During the month of March, and after much debate, the Patient Protection and Affordable Care Act of 2010 and the Health Care and Education Affordability Reconciliation Act of 2010 were signed into law. This new legislation, commonly referred to as "health care reform," made sweeping changes to health care as we currently know it, including the introduction of new programs aimed to assist older Americans with long term care.
This issue of The ElderCounselorTM will focus on four areas where health care reform impacts our senior population and their loved ones: Medicare improvements, prescription drug help, expansion of Medicaid to home-based services, and long term care insurance available for any working adult.
Preventive benefits. Older adults will no longer have to pay out of pocket for preventive care services such as cancer and diabetes screenings. Effective January 1, 2011, all deductibles and co-insurance for preventive benefits will be eliminated. Medicare recipients will also receive one free annual wellness visit.
Dual-eligible subsidy improvements. Those seniors who are eligible for both Medicare and Medicaid (called "dual-eligibles") and are enrolled in home and community-based services waiver programs will no longer have to pay cost sharing for their Part D prescription drugs.
Reduced government subsidies to Medicare Advantage plans. Medicare Advantage plans are run by private insurers as an alternative to traditional Medicare. Historically, private insurers offering Medicare Advantage plans have received subsidies from the government for entering the Medicare market. As a result, care for people in Medicare Advantage plans costs approximately 13% more on average than care for people enrolled in traditional Medicare. Under the new legislation, subsidies to private insurers offering Medicare Advantage programs will be frozen at the 2010 levels. Then, cuts averaging 12% per year will be phased in over the next six years to bring payments closer to what traditional Medicare spends to provide medical care.
Planning Note: Individuals currently enrolled in a Medicare Advantage plan may see reductions in their covered services in the near future and should review their coverage closely in the coming months.
Closing the doughnut hole. The coverage gap in the Medicare Part D prescription drug benefit, often called the "doughnut hole," will be completely closed by 2020. Currently, this gap begins when a beneficiary's total prescription drug costs reach $2,830. Beneficiaries must pay the next $3,610 in prescription drug costs themselves, then catastrophic coverage begins.
Under the new legislation, beneficiaries who fall into the doughnut hole will receive a $250 rebate in 2010. Starting in 2011, they will receive a 50% discount on name-brand drugs and other discounts on generic drugs. These discounts will increase each year until 2020, when beneficiaries will be responsible for 25% of the cost of drugs until the catastrophic limit is reached. This 25% co-pay is the same percentage beneficiaries pay for initial coverage under Part D.
Planning Note: The "doughnut hole" will be gradually reduced until completely closed in 2020. Rebates and discounts on prescription drugs begin this year. Contact us to learn about other programs that may provide assistance with prescription drugs and other out-of-pocket medical expenses.

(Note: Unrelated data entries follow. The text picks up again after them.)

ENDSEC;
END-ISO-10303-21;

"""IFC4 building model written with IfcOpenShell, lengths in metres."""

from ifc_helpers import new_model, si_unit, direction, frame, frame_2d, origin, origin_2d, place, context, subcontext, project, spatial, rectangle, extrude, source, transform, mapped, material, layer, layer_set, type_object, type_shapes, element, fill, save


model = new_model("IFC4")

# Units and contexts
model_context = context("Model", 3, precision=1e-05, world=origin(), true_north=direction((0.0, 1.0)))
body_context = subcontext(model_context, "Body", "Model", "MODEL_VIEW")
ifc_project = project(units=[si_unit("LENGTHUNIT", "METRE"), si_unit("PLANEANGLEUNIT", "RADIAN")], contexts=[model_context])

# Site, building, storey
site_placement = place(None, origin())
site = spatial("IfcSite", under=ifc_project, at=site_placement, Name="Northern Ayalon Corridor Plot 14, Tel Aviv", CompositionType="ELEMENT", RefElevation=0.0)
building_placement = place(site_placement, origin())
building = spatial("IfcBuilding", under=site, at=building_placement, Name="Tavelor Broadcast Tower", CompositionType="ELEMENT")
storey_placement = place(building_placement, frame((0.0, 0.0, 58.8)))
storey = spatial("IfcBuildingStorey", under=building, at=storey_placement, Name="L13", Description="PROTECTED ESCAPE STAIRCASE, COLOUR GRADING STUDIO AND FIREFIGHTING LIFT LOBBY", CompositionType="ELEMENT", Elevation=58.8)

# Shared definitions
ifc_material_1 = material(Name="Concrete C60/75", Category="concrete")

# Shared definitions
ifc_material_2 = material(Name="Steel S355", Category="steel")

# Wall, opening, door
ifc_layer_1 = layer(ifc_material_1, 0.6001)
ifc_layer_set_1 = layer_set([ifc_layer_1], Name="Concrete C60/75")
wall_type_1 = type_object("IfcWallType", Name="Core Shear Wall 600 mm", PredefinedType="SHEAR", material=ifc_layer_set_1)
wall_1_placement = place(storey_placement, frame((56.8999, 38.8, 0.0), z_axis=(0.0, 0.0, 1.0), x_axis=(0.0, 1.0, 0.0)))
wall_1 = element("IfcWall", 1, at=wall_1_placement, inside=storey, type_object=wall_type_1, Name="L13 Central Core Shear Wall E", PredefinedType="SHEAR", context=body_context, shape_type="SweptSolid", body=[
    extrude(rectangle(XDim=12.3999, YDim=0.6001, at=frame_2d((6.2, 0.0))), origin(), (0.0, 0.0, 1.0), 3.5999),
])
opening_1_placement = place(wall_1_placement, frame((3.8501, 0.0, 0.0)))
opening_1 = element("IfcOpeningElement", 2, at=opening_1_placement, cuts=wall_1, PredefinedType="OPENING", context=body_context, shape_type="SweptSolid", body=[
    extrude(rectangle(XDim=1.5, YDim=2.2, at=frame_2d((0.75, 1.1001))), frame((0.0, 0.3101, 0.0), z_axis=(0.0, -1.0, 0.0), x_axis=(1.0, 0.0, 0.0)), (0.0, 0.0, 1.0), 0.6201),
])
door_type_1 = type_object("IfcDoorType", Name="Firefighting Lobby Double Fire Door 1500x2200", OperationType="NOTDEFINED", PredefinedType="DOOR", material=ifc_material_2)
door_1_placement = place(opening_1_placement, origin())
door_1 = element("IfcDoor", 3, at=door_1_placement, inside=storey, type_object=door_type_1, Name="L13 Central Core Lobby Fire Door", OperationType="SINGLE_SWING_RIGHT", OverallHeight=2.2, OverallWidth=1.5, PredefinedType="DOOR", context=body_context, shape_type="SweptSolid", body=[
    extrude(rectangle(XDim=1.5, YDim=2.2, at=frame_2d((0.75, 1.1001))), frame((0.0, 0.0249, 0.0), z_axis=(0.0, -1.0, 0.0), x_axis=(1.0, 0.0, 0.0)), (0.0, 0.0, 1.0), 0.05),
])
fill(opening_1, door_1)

Incentives to encourage in-home Medicaid services. Under the new legislation, states are given more incentives to offer home and community-based services. One incentive is offered under the "Community First Choice" option. With this option, states that did not offer these types of services previously can begin to do so by amending their state Medicaid plan beginning October 1, 2011. Those states that offer home and community-based services under the "Community First Choice" option will receive an increase in Medicaid matching dollars for the cost of the program. States that already offer home and community-based programs are also eligible for increased Medicaid matching dollars if they submit an application that includes a detailed plan and budget for increasing the use of non-institutional care. For a five-year period beginning in 2014, states will be required to extend the same spousal impoverishment protections currently provided to spouses of nursing home residents to spouses of individuals receiving home and community-based services.
Planning Note: The Medicaid qualification rules are complex and change often. It is important to consult with an elder law attorney to discuss planning options and to understand what programs provide the most benefits.
Government-operated long term care insurance program. Beginning in January, 2011, Community Living Assistance Services and Supports (CLASS) will be available to working adults. While premiums and benefits have not yet been set, an individual must be enrolled in the program for 5 years and maintain the minimal work requirements for 3 of the first 5 years of employment. Premiums will be deducted automatically from the individual's paycheck and are expected to range from $150 to $240/month depending on the age of the enrollee (with decreased premiums available to persons with low income). The $50/day minimum benefit can be used to pay for personal care needs, medical equipment and in-home care.
Planning Note: Not everyone who pays a premium for 5 years is eligible to receive benefits. During those five years the employee must have earned the equivalent of a quarter of coverage under the Social Security program and paid premiums for at least 24 consecutive months.
There are a number of provisions within the health care reform legislation that can provide significant benefits to seniors and their loved ones. However, it will be months and years before many benefits are fully realized, if at all. This new legislation and the need for it brings to light the potential financial crisis that many seniors may face once long term care is required. It is vitally important for individuals to create a long term care plan that covers how care will be obtained, how it will be paid, and who will act on behalf of the individual in the event of incapacity.